12. An editing support device comprising:

one or more memories; and

one or more processors coupled to the one or more memories and the one or more processors configured to

display, on a display unit, information that indicates a speaker identified in a sentence generated based on voice recognition in association with a section within the sentence, the section corresponding to the identified speaker,

when a first editing process that edits an identification result of the speaker occurs and respective speakers of two or more sections that are adjacent are common due to the first editing process, display the two or more sections in a combined state on the display unit, and

when a start point of a section to be subject to a second editing process that edits the identification result of the speaker is specified in a specific section within the combined two or more sections and a location that corresponds to a start point of one of the two or more sections before being combined is present between the specified start point and an end point of the combined two or more sections, apply the second editing process to a section from the specified start point to the location that corresponds to the start point of the one of the two or more sections.

13. The editing support device according to claim 12, wherein the one or more processors further configured to:

when the first editing process occurs and the respective speakers of the two or more sections are common due to the first editing process, apply the first editing process to the two or more sections; and

display the two or more sections on the display unit in a combined state.

14. The editing support device according to claim 12, wherein the one or more processors further configured to:

display, on the display unit, a first editing screen that requests the first editing process and a second editing screen that requests the second editing process;

apply the first editing process to the two or more sections based on an instruction to the first editing screen; and

apply the second editing process to the section from the specified start point to the location that corresponds to the start point of the one of the two or more sections based on an instruction to the second editing screen.

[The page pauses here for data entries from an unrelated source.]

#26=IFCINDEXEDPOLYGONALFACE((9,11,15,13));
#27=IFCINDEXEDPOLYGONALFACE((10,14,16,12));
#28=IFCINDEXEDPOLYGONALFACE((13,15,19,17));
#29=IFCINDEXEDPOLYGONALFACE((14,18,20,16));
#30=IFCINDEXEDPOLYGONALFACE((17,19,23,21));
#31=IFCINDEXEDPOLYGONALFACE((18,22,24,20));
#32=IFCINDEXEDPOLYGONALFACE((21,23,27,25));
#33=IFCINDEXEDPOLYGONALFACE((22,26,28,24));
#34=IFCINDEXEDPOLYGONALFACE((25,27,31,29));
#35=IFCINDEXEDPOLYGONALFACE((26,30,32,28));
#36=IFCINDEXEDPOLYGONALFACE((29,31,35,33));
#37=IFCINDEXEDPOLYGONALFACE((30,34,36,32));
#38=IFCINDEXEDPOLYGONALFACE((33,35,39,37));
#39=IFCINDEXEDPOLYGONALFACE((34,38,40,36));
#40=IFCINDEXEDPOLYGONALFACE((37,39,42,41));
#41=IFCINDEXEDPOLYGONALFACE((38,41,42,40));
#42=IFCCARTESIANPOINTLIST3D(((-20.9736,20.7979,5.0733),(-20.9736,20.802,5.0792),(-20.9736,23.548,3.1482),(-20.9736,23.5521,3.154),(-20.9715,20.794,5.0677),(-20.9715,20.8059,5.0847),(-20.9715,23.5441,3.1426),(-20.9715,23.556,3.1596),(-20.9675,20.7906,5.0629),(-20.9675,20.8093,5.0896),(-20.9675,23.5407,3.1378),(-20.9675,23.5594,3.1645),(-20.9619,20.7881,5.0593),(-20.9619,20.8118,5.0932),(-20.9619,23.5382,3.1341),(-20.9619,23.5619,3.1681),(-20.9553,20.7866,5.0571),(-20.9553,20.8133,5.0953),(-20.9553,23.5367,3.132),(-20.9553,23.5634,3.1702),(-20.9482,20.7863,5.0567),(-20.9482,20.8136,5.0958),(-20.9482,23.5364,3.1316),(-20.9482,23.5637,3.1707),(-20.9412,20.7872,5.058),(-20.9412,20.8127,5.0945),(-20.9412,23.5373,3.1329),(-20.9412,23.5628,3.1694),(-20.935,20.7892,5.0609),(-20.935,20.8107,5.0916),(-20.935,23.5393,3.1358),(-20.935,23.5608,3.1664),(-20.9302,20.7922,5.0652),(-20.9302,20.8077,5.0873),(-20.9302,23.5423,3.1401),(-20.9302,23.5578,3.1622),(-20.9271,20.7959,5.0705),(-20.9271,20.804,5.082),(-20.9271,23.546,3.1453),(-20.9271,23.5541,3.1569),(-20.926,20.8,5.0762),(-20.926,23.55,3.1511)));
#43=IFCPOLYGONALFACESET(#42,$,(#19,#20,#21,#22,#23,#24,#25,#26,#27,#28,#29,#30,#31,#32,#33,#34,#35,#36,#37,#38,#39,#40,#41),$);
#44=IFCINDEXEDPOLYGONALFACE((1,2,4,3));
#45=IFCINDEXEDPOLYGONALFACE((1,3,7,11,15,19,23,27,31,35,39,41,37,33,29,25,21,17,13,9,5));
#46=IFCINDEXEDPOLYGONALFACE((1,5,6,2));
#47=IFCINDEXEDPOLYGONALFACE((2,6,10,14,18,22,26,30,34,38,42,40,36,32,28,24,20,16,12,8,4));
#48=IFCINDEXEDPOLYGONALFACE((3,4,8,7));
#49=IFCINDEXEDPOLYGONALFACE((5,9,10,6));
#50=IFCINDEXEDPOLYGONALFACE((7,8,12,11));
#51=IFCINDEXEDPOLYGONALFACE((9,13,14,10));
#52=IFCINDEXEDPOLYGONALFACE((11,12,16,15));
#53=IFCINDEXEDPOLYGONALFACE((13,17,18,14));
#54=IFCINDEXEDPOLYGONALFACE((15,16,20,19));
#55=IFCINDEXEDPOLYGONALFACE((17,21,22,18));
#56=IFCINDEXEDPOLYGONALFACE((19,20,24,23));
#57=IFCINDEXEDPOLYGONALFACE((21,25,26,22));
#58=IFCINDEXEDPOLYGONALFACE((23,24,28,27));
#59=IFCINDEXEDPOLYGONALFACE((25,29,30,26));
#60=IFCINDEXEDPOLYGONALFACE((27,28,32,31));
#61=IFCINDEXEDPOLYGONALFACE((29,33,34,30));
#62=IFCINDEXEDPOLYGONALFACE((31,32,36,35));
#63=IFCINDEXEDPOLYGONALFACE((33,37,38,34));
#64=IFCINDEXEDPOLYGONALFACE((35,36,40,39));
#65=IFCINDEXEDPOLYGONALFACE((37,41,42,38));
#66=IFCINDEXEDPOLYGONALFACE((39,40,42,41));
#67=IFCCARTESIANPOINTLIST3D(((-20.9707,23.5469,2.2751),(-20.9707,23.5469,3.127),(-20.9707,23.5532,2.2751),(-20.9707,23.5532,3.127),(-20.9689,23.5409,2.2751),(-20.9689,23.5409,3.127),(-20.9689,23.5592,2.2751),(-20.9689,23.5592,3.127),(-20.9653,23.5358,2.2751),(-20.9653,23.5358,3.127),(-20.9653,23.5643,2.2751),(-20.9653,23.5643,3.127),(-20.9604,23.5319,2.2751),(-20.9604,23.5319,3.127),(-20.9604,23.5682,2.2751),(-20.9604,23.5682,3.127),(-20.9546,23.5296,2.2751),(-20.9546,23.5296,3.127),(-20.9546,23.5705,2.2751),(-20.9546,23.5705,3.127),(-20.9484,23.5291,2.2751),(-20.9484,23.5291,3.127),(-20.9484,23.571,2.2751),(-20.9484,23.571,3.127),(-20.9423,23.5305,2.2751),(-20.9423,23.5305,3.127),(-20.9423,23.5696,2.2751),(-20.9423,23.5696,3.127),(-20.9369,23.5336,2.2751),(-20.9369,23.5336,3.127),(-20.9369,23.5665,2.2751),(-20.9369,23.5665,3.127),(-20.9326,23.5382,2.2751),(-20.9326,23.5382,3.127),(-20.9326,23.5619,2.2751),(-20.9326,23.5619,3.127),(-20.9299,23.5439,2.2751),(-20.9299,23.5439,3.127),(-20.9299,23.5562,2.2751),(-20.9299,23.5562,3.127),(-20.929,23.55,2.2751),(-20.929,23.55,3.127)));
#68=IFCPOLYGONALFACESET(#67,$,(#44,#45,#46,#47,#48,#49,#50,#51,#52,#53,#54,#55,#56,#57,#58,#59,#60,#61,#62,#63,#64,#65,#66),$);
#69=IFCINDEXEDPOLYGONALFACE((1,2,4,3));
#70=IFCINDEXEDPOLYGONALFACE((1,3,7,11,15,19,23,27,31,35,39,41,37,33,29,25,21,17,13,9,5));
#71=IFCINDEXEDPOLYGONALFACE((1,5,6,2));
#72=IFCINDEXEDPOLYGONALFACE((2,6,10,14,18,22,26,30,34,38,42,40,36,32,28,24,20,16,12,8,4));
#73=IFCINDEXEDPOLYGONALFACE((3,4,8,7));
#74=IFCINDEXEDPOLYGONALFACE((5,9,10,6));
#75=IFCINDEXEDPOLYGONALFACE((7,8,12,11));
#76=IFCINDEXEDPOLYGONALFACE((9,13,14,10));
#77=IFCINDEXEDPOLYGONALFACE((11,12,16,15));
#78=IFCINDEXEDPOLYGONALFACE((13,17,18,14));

15. The editing support device according to claim 14, wherein the one or more processors further configured to:

operate so that both of the first editing screen and the second editing screen include information that indicates the speaker as an editing target; and

arrange the information that indicates the speaker in order of precedence according to at least one of utterance order and utterance volume of the speaker.

16. The editing support device according to claim 12, wherein the one or more processors further configured to

when the first editing process occurs in a middle of the section that corresponds to the speaker, the respective speakers of the two or more sections adjacent before the middle of the section are common due to the first editing process, and the respective speakers of the two or more sections adjacent after the middle of the section are common, display, on the display unit, the two or more sections adjacent after the middle of the section in a combined state, after displaying the two or more sections adjacent before the middle of the section on the display unit in a combined state.

17. The editing support device according to claim 12, wherein the one or more processors further configured to:

generate the sentence based on voice of the speaker and the voice recognition; and

identify the speaker in the generated sentence based on the voice of the speaker and a learned model in which a characteristic of the voice of the speaker is learned.

18. The editing support device according to claim 12, wherein the one or more processors further configured to:

store, in a storage unit, the specified start point and the location that corresponds to the start point of the one of the two or more sections; and

apply the second editing process to the section from the specified start point to the location that corresponds to the start point of the one of the two or more sections with reference to the storage unit.